With every new experiment comes new learnings, including hundreds, if not thousands, of things out of Trials of Tatooine. Skywalker Sound works hand-in-hand with ILMxLab, which means all the real sound effects from the Star Wars movies are used for the VR experience.
The next challenge for the ILMxLab team is bringing Vader’s pronounced breathing into the 360-degree sound environments that virtual reality platforms utilize. Even in Trials on Tatooine, which features lightsaber gameplay against squads of incoming storm troopers, audio plays an important role in directing the action within a VR story.
Using VR to see the future of film
ILMxLab technology is also helping filmmakers like Gareth Edwards bring Rogue One to life. He used virtual reality to set up shots and explore sets before they were built, and in some cases step into environments that would only exist virtually through the magic of computer effects. VR is now being used in production of all the Star Wars films.
In San Francisco, ILMxLab has created the xDeck, which can create immersive environments by projecting 3D pixels on multiple walls. Think of it as a modern-day HoloDeck. This allows multiple people to step into the room and see what a set, or new character, or ship looks like. A similar DISH technology is used by Walt Disney Imagineering at their Los Angeles headquarters and at Walt Disney World in Orlando that’s helping Imagineers build new Star Wars attractions, rides and restaurants for the upcoming Star Wars lands at Disneyland and Disney World. ILMxLab is collaborating with these teams on those projects, as well.

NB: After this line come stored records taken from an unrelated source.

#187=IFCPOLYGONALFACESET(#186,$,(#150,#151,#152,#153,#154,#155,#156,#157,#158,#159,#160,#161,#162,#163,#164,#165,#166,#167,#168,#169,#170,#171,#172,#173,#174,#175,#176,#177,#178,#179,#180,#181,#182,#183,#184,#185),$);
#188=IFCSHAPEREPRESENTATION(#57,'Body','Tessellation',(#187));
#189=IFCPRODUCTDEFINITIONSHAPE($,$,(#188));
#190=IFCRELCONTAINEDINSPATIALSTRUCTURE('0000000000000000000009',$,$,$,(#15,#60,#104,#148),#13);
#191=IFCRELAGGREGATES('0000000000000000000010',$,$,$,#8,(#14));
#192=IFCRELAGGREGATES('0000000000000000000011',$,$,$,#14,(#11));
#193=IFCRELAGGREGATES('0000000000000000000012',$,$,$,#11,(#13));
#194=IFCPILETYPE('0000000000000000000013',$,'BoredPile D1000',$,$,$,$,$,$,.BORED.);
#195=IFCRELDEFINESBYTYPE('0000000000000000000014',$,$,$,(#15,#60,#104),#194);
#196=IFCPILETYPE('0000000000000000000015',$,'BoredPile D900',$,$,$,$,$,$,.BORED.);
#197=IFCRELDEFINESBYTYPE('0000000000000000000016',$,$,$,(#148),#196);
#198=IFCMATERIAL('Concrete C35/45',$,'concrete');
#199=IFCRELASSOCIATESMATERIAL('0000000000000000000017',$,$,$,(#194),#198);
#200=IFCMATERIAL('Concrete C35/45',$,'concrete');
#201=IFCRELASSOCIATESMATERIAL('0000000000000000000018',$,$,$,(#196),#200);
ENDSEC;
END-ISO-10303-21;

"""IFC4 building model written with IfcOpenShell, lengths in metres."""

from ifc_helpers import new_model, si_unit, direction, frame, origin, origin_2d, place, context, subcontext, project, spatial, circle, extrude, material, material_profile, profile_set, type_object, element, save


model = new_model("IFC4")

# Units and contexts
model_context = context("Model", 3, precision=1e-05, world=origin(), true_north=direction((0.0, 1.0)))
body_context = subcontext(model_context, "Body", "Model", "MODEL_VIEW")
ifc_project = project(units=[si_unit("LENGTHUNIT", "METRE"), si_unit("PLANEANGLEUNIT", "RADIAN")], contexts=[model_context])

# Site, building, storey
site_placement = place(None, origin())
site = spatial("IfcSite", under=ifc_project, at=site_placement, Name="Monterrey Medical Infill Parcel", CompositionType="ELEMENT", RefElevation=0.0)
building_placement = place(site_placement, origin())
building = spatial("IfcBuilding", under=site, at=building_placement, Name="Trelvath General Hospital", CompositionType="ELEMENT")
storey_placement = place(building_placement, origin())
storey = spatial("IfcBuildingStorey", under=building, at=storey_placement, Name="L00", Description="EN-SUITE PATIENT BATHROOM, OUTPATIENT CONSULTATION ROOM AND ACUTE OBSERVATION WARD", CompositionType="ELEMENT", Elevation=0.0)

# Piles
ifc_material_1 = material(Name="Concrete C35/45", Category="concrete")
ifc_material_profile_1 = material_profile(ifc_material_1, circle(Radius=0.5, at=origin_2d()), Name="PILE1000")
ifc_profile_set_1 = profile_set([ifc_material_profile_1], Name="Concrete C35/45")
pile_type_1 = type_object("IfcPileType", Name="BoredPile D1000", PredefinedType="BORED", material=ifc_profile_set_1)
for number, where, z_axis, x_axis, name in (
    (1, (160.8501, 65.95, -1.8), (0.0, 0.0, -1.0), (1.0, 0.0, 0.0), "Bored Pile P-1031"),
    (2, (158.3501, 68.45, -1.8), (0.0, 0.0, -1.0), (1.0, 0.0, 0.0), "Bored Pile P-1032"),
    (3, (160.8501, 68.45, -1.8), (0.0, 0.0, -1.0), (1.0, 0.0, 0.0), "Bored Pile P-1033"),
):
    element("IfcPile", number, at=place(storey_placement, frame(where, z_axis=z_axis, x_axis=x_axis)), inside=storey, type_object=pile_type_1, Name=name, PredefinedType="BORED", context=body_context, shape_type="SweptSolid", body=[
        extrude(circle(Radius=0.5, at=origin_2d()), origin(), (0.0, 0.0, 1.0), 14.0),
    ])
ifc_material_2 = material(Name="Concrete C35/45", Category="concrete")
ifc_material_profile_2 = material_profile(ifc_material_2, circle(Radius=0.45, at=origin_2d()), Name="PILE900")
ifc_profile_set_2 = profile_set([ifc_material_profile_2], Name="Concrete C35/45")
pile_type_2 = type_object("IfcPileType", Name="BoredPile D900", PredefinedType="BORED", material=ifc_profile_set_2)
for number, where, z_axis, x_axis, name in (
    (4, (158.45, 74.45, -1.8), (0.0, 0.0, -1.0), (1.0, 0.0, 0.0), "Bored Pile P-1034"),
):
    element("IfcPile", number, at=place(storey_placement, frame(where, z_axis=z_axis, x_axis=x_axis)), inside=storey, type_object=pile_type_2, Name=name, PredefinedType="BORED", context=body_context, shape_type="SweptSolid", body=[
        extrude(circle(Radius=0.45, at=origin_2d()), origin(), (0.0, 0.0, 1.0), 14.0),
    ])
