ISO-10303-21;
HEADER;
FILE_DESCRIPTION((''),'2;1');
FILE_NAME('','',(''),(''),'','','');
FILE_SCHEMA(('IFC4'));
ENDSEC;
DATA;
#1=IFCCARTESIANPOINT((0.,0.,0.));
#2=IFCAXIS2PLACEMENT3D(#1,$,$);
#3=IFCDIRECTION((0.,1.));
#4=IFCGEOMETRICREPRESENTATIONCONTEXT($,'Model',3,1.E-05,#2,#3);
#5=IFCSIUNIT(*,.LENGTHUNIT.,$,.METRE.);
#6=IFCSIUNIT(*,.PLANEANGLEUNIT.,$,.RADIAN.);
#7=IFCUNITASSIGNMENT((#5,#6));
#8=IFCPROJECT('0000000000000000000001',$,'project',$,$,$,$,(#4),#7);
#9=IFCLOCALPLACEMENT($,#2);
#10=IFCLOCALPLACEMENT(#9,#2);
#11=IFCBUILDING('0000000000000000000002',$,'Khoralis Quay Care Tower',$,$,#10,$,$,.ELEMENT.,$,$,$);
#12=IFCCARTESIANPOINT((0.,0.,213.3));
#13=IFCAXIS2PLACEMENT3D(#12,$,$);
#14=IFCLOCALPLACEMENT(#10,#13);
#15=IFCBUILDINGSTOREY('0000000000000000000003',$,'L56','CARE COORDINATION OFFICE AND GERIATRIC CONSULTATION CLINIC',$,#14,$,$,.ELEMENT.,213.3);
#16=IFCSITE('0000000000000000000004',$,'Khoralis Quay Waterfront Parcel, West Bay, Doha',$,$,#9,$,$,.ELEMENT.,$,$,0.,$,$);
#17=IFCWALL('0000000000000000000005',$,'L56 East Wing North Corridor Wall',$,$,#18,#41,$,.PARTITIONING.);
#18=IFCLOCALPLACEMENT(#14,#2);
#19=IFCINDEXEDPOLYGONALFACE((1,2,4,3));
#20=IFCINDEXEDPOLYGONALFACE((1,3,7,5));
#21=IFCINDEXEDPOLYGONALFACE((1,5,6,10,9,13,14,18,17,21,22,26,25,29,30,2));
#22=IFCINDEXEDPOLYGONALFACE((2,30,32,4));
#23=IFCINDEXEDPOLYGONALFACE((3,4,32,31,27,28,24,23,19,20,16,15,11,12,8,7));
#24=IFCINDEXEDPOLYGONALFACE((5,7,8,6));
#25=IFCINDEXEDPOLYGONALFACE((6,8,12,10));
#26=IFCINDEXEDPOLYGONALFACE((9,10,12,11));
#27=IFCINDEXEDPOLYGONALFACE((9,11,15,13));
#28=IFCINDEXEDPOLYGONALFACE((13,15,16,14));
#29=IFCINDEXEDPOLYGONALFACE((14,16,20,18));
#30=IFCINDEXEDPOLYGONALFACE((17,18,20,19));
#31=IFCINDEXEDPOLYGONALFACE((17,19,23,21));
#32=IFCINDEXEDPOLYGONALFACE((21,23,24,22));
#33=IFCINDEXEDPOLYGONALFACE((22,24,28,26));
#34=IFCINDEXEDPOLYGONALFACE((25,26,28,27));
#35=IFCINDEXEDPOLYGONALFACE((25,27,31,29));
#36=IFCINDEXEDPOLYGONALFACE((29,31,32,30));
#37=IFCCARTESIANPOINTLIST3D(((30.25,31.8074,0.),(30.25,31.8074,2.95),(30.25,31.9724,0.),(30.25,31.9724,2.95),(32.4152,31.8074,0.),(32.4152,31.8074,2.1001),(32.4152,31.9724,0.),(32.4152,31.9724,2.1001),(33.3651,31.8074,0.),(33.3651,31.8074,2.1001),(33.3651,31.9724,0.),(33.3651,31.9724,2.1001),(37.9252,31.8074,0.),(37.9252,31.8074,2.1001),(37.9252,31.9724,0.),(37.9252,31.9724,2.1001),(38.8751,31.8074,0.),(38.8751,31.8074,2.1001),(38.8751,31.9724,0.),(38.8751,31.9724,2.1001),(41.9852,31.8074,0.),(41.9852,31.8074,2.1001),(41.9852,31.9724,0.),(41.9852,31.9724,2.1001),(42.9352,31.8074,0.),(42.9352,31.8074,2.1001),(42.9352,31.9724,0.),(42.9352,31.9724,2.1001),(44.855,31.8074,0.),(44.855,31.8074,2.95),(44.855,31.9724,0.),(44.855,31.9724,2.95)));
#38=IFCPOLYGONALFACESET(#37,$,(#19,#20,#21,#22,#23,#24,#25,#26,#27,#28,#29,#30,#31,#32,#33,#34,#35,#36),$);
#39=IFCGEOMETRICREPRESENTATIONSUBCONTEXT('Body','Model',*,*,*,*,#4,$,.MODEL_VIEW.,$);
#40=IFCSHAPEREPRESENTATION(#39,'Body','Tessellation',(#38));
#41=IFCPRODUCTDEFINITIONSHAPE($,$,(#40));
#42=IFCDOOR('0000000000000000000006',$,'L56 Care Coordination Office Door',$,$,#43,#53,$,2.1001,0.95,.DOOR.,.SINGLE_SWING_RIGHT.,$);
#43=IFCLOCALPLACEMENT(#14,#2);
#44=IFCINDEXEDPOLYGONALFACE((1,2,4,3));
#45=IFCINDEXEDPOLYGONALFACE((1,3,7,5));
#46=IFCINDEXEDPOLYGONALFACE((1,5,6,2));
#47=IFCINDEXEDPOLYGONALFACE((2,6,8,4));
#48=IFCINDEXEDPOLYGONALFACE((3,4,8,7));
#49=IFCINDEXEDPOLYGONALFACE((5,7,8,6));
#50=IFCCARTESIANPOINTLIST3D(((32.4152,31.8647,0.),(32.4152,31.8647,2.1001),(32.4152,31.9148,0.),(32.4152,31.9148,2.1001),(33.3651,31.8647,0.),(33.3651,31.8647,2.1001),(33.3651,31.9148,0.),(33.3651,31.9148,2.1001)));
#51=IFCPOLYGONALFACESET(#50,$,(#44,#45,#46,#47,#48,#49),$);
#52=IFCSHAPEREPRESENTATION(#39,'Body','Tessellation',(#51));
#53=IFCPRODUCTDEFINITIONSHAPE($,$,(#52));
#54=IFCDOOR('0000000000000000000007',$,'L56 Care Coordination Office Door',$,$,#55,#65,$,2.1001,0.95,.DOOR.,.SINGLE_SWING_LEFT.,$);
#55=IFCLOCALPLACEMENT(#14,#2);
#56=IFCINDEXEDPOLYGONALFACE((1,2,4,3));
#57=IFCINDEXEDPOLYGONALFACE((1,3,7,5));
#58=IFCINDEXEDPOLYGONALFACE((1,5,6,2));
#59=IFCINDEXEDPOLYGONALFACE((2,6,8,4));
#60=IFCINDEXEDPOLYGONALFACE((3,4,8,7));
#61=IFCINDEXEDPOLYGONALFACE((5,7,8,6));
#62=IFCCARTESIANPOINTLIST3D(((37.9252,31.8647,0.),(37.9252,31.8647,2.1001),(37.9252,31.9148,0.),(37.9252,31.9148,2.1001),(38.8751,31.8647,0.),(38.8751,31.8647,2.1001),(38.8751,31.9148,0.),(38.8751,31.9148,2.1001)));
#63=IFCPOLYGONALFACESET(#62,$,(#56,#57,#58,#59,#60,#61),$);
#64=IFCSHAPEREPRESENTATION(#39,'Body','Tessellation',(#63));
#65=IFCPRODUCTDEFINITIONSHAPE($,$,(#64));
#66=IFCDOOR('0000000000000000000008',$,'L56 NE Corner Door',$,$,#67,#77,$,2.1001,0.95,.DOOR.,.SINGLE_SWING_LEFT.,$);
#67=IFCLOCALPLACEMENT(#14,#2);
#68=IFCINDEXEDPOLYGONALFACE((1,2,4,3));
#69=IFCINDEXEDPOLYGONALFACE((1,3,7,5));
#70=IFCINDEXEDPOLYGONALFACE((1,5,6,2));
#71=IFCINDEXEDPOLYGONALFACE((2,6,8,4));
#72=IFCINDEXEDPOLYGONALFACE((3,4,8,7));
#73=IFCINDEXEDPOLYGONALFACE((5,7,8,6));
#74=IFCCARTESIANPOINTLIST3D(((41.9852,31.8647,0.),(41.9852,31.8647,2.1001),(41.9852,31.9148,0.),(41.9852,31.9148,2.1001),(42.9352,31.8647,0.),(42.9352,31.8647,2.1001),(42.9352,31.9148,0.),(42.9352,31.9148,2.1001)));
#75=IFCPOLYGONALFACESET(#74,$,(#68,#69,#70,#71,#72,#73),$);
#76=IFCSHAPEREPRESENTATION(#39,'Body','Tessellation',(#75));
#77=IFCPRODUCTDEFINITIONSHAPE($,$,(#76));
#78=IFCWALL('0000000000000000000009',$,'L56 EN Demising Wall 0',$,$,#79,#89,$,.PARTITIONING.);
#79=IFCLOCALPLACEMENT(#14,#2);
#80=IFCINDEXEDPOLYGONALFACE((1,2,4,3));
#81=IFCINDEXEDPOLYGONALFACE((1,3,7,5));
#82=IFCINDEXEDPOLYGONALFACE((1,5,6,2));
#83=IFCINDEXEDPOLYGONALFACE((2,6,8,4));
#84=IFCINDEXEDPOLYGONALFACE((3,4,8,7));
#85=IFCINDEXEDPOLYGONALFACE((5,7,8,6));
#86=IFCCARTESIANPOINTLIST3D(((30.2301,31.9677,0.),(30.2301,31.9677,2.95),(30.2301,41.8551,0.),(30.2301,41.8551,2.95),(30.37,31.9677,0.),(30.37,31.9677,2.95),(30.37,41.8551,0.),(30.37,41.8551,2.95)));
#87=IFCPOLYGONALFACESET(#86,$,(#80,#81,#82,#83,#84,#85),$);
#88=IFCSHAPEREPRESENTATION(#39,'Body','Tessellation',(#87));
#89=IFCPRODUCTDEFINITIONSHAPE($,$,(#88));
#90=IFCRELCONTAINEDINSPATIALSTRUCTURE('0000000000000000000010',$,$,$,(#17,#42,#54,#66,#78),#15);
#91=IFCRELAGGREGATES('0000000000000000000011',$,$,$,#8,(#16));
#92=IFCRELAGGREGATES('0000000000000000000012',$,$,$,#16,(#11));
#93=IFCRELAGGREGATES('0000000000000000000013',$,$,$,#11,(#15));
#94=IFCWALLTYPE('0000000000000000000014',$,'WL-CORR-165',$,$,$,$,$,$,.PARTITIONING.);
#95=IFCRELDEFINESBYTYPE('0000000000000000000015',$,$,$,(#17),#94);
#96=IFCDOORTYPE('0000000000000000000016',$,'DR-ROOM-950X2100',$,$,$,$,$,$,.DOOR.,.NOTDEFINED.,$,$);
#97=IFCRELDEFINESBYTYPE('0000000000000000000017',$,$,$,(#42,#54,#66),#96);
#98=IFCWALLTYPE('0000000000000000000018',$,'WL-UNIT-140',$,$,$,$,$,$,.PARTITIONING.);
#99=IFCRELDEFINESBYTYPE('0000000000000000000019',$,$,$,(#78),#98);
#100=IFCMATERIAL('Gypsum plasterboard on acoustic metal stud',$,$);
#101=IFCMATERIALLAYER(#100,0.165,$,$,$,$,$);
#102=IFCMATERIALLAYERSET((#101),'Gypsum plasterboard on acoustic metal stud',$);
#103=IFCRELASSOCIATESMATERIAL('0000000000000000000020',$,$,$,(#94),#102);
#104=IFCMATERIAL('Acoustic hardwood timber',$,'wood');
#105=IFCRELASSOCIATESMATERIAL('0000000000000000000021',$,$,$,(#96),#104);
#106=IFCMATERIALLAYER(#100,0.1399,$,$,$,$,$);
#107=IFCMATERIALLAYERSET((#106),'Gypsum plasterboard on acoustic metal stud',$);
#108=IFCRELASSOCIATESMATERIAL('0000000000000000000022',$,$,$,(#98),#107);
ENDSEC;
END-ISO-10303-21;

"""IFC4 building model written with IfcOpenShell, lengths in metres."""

from ifc_helpers import new_model, si_unit, direction, frame, frame_2d, origin, place, context, subcontext, project, spatial, rectangle, extrude, source, transform, mapped, material, layer, layer_set, type_object, element, fill, save


model = new_model("IFC4")

# Units and contexts
model_context = context("Model", 3, precision=1e-05, world=origin(), true_north=direction((0.0, 1.0)))
body_context = subcontext(model_context, "Body", "Model", "MODEL_VIEW")
ifc_project = project(units=[si_unit("LENGTHUNIT", "METRE"), si_unit("PLANEANGLEUNIT", "RADIAN")], contexts=[model_context])

# Site, building, storey
site_placement = place(None, origin())
site = spatial("IfcSite", under=ifc_project, at=site_placement, Name="Khoralis Quay Waterfront Parcel, West Bay, Doha", CompositionType="ELEMENT", RefElevation=0.0)
building_placement = place(site_placement, origin())
building = spatial("IfcBuilding", under=site, at=building_placement, Name="Khoralis Quay Care Tower", CompositionType="ELEMENT")
storey_placement = place(building_placement, frame((0.0, 0.0, 213.3)))
storey = spatial("IfcBuildingStorey", under=building, at=storey_placement, Name="L56", Description="CARE COORDINATION OFFICE AND GERIATRIC CONSULTATION CLINIC", CompositionType="ELEMENT", Elevation=213.3)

ILMxLab is looking to the future — approximately three years forward, says Bredow — so that Lucasfilm and other ILM client companies can immerse users in VR, AR and mixed reality experiences that blend the best of the video game world and traditional filmmaking. While Bredow can’t predict exactly what the world will look like in three years, he does believe that we’re at the dawn of a new type of storytelling. And the team at ILMxLab hopes to be ahead of the curve as the entertainment world evolves.